• Welcome to TechPowerUp Forums, Guest! Please check out our forum guidelines for info related to our community.

OCZ Agility 3 180 GB and 360 GB Models Unveiled

btarunr

Editor & Senior Moderator
Staff member
Joined
Oct 9, 2007
Messages
47,670 (7.43/day)
Location
Dublin, Ireland
System Name RBMK-1000
Processor AMD Ryzen 7 5700G
Motherboard Gigabyte B550 AORUS Elite V2
Cooling DeepCool Gammax L240 V2
Memory 2x 16GB DDR4-3200
Video Card(s) Galax RTX 4070 Ti EX
Storage Samsung 990 1TB
Display(s) BenQ 1440p 60 Hz 27-inch
Case Corsair Carbide 100R
Audio Device(s) ASUS SupremeFX S1220A
Power Supply Cooler Master MWE Gold 650W
Mouse ASUS ROG Strix Impact
Keyboard Gamdias Hermes E2
Software Windows 11 Pro
While Vertex 3 is OCZ's flagship SATA 6 Gb/s SSD based on the SandForce SF-2281 processor, Agility 3 is its performance-mainstream variant that uses the same SF-2281, but with async NAND flash memory. Reviews have found the drive to offer high price-performance. OCZ has traditionally kept Agility 3 reserved for lower capacities, reserving higher capacities for its other product families., however two new variants hit the radar in the Japanese markets today, the 180 GB (AGT3-25SAT3-180G), which is not even listed on OCZ's global site, and a 360 GB variant (AGT3-25SAT3-360G).

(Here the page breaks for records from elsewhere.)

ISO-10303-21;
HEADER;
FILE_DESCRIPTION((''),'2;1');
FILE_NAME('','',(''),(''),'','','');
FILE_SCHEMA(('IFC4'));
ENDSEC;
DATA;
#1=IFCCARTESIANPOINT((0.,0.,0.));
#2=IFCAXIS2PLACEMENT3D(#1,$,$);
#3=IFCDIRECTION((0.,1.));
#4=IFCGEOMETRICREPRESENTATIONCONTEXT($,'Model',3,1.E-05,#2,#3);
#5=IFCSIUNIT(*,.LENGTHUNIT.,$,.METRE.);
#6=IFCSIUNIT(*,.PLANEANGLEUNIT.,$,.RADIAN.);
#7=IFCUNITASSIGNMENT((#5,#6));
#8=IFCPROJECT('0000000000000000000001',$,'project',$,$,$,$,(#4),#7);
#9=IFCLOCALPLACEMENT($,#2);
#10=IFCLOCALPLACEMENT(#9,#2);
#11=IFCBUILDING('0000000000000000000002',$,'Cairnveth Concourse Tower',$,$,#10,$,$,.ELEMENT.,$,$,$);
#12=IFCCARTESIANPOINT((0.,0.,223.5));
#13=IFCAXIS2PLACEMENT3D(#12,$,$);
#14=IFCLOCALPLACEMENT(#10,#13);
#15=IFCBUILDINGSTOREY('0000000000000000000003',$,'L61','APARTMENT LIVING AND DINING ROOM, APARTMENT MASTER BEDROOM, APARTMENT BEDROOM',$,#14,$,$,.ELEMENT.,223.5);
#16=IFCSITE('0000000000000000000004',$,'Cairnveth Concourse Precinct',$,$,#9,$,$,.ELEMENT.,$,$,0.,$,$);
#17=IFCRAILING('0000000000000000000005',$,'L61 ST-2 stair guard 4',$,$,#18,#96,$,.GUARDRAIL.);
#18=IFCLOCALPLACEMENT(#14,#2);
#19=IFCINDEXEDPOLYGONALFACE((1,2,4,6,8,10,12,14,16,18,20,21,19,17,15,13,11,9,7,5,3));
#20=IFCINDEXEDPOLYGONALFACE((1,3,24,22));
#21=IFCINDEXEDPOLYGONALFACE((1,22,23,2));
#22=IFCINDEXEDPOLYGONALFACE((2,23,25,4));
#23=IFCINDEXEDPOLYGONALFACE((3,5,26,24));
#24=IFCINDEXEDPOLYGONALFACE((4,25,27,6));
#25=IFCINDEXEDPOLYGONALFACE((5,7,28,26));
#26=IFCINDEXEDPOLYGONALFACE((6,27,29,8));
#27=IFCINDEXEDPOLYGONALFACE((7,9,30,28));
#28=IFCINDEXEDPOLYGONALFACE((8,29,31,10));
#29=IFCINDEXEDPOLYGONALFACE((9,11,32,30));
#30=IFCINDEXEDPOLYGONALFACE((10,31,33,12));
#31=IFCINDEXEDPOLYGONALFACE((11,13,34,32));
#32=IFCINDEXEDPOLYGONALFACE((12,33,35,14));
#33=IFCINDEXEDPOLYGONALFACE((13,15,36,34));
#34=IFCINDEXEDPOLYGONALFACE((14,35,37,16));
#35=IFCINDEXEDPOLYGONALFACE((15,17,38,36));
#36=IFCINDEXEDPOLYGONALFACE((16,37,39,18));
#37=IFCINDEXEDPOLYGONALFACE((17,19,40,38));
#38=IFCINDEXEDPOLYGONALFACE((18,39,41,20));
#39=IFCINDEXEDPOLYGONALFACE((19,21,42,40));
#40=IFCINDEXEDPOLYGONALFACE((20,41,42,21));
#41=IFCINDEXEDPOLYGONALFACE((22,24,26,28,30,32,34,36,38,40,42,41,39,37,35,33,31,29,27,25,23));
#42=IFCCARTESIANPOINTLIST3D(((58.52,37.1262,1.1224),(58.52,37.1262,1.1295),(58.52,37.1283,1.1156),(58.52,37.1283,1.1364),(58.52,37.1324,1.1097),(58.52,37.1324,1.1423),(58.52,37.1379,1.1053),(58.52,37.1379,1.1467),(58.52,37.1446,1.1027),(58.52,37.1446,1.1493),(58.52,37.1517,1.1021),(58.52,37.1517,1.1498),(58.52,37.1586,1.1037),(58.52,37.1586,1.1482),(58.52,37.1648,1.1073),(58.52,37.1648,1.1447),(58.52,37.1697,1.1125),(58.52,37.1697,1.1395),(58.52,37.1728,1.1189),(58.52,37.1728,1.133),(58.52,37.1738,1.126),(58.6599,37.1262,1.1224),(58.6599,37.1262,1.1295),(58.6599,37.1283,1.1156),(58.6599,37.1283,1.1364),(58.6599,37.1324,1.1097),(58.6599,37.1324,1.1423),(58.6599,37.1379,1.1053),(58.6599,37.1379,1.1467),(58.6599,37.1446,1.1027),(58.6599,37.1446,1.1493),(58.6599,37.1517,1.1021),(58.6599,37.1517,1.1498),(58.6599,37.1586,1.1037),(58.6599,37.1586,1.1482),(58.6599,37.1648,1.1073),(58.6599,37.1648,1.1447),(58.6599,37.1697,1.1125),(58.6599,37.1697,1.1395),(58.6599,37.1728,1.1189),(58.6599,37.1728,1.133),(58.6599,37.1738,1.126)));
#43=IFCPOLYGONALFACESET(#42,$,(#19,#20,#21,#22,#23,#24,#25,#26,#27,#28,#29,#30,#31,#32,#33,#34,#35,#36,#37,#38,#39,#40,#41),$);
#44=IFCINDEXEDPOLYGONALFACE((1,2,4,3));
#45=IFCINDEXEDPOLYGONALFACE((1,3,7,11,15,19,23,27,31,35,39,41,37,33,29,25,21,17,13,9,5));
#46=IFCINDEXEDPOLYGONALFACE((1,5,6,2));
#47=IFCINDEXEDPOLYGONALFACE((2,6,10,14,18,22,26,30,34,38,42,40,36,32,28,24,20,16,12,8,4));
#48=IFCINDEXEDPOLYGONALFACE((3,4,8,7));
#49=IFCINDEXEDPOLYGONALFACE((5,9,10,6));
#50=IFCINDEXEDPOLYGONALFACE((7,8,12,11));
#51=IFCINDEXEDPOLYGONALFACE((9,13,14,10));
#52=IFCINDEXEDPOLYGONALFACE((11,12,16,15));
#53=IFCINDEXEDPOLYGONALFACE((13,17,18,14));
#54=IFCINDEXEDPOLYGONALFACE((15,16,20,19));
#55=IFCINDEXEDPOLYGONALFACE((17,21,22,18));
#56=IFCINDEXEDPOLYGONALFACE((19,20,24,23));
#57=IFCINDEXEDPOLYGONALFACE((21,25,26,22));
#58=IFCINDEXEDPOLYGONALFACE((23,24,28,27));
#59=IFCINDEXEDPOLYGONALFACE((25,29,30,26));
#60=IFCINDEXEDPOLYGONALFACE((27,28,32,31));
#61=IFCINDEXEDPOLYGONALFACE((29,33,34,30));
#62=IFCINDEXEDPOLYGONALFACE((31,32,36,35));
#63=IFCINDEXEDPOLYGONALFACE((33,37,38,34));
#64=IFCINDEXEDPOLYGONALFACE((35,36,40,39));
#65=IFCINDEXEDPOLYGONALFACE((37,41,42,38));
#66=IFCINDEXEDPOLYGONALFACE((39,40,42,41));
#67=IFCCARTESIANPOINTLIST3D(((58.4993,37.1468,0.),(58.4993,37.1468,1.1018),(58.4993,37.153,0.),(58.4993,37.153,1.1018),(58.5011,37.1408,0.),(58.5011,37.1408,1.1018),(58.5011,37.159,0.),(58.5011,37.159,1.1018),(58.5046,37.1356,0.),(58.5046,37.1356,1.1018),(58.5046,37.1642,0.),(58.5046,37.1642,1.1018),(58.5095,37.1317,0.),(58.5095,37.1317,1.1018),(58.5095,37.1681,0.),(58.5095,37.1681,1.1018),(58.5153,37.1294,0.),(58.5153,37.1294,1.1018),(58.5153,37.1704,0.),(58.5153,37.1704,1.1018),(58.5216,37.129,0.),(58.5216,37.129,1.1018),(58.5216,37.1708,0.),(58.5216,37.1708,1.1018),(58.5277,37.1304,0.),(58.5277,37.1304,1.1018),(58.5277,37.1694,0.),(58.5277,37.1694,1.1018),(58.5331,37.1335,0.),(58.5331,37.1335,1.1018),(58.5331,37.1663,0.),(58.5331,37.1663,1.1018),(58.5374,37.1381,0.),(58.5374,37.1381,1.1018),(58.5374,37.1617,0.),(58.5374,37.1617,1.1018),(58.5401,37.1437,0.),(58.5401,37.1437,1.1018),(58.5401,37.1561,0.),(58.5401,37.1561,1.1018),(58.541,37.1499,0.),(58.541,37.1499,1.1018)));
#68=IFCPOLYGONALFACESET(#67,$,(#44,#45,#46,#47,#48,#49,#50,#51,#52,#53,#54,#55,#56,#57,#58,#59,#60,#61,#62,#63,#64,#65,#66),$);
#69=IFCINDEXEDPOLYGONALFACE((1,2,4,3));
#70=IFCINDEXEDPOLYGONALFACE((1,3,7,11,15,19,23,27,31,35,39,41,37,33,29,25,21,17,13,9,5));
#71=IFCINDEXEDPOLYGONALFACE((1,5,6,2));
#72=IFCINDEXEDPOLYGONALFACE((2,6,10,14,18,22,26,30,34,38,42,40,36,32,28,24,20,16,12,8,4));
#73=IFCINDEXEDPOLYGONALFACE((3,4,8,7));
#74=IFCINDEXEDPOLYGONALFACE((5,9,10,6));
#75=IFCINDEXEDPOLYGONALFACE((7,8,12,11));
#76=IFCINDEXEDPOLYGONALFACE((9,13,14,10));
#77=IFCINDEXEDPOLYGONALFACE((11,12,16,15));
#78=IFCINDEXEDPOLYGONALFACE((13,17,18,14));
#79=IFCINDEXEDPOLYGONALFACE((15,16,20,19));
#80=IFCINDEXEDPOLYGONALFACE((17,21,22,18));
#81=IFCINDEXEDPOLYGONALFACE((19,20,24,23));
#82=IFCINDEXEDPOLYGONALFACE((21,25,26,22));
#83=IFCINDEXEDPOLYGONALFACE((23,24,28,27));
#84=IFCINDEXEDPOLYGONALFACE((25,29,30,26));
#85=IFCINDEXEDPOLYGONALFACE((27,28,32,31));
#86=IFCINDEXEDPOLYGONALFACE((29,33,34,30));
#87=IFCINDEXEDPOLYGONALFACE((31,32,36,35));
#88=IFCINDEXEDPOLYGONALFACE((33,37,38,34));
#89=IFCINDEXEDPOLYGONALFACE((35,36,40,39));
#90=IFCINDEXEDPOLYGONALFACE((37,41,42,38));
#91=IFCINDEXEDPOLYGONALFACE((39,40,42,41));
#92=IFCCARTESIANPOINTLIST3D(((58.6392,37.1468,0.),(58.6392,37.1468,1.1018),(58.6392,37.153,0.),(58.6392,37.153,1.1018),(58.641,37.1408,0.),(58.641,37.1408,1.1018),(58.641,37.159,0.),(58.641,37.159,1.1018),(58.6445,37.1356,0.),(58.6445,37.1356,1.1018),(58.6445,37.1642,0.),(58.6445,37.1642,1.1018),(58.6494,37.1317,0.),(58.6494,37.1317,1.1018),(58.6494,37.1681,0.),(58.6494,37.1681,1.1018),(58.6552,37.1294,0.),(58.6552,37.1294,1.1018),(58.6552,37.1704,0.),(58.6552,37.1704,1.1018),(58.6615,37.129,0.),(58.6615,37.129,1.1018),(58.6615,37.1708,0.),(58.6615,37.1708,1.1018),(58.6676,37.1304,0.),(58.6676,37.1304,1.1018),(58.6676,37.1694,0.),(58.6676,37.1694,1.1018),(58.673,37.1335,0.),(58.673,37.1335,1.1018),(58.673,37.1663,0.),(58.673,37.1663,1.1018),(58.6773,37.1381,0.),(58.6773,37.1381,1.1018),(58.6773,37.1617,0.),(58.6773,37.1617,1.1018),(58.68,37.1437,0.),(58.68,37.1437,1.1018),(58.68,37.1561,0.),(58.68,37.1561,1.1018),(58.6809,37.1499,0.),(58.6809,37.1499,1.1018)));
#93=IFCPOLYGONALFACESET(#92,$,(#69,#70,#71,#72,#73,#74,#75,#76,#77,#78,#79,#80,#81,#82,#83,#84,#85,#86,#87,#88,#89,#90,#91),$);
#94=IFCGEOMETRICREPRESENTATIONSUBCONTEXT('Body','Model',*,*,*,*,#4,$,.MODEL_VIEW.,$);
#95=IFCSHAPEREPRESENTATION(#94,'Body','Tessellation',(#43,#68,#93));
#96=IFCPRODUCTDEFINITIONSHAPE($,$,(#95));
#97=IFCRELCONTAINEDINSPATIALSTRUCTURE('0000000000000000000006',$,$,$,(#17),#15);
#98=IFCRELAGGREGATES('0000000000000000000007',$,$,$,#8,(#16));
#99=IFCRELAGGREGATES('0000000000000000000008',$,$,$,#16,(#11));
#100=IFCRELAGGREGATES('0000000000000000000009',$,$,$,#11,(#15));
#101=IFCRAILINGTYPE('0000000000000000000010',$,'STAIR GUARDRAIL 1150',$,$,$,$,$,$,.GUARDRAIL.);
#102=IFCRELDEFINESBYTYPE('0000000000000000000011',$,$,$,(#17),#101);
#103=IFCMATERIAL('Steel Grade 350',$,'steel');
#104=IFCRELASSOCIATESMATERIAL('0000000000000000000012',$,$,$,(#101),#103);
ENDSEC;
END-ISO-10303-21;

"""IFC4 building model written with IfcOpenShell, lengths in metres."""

from ifc_helpers import new_model, si_unit, direction, frame, origin, origin_2d, place, context, subcontext, project, spatial, circle, extrude, material, type_object, element, save


model = new_model("IFC4")

# Units and contexts
model_context = context("Model", 3, precision=1e-05, world=origin(), true_north=direction((0.0, 1.0)))
body_context = subcontext(model_context, "Body", "Model", "MODEL_VIEW")
ifc_project = project(units=[si_unit("LENGTHUNIT", "METRE"), si_unit("PLANEANGLEUNIT", "RADIAN")], contexts=[model_context])

# Site, building, storey
site_placement = place(None, origin())
site = spatial("IfcSite", under=ifc_project, at=site_placement, Name="Cairnveth Concourse Precinct", CompositionType="ELEMENT", RefElevation=0.0)
building_placement = place(site_placement, origin())
building = spatial("IfcBuilding", under=site, at=building_placement, Name="Cairnveth Concourse Tower", CompositionType="ELEMENT")
storey_placement = place(building_placement, frame((0.0, 0.0, 223.5)))
storey = spatial("IfcBuildingStorey", under=building, at=storey_placement, Name="L61", Description="APARTMENT LIVING AND DINING ROOM, APARTMENT MASTER BEDROOM, APARTMENT BEDROOM", CompositionType="ELEMENT", Elevation=223.5)

# Shared definitions
ifc_material_1 = material(Name="Steel Grade 350", Category="steel")

# Railing
railing_type_1 = type_object("IfcRailingType", Name="STAIR GUARDRAIL 1150", PredefinedType="GUARDRAIL", material=ifc_material_1)
railing_1_placement = place(storey_placement, frame((58.52, 37.1499, 0.0)))
element("IfcRailing", 1, at=railing_1_placement, inside=storey, type_object=railing_type_1, Name="L61 ST-2 stair guard 4", PredefinedType="GUARDRAIL", context=body_context, shape_type="SweptSolid", body=[
    extrude(circle(Radius=0.0239, at=origin_2d()), frame((0.0, 0.0, 1.126), z_axis=(1.0, 0.0, 0.0), x_axis=(0.0, 1.0, 0.0)), (0.0, 0.0, 1.0), 0.1399),
    extrude(circle(Radius=0.021, at=origin_2d()), origin(), (0.0, 0.0, 1.0), 1.1018),
    extrude(circle(Radius=0.021, at=origin_2d()), frame((0.1399, 0.0, 0.0)), (0.0, 0.0, 1.0), 1.1018),
])

save(model, "model.ifc")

The 180 GB variant offers sequential speeds of up to 525 MB/s read, and 500 MB/s write, with 35,000 IOPS 4K random write performance; while the 360 GB variant offers sequential speeds of 525 MB/s read, 495 MB/s write, and 35,000 IOPS 4K random write performance. Like all other drives in the Agility 3 series, the two are built in the 2.5-inch form-factor, with SATA 6 Gb/s interface. The Agility 3 180 GB is priced at 19,000 JPY (US $256), and the 360 GB variant at 36,000 JPY (US $447).



View at TechPowerUp Main Site
 
That is a great price!
 
Agility 3 is its performance-mainstream variant that uses the same SF-2281, but with async NAND flash memory. Reviews have found the drive to offer high price-performance.

This is wrong for one reason. You cannot say high performance and Asynchronous NAND flash in the same sentence. You could say something like when the drive is empty it is found to have high performance,but as soon as data hits that drive it is crippled :)
 
Lets hope the SF-2281 doesn't have a failure rate like the rest of the SSD's on the market. Install a fresh copy of Windows 7 and on the second boot it goes :boom: :banghead:
 
This is wrong for one reason. You cannot say high performance and Asynchronous NAND flash in the same sentence. You could say something like when the drive is empty it is found to have high performance,but as soon as data hits that drive it is crippled :)

Before you call it a "crippled" drive, look at its performance relative to drives with synchronous NAND. Since the SandForce drives compress data, they write less to the NAND, and the performance difference between SF drives with synchronous and asynchronous NAND is really only significant with completely incompressible data. For non-SF drives, asynchronous NAND really hampers performance due to their controllers' inherent high write amplification, but with SF's compression and low write amplification, I disagree with your judgment.

I bought an Agility 3 240GB a few weeks ago (for the low price of $239.99) and, while I don't notice that much of a "boost" in system performance compared to my VelociRaptor, I think it is not because the SSD is slow by any means but because Windows caching is so good and because I am comparing it to one of the highest performing hard drives. For someone upgrading from a slow 7200RPM OS drive, the difference between asynchronous NAND SSD and synchronous NAND SSD is negligible.
 
How are they distributing the NAND across the channels? It doesn't seem like it could be done symmetrically since SF drives have 8 channels.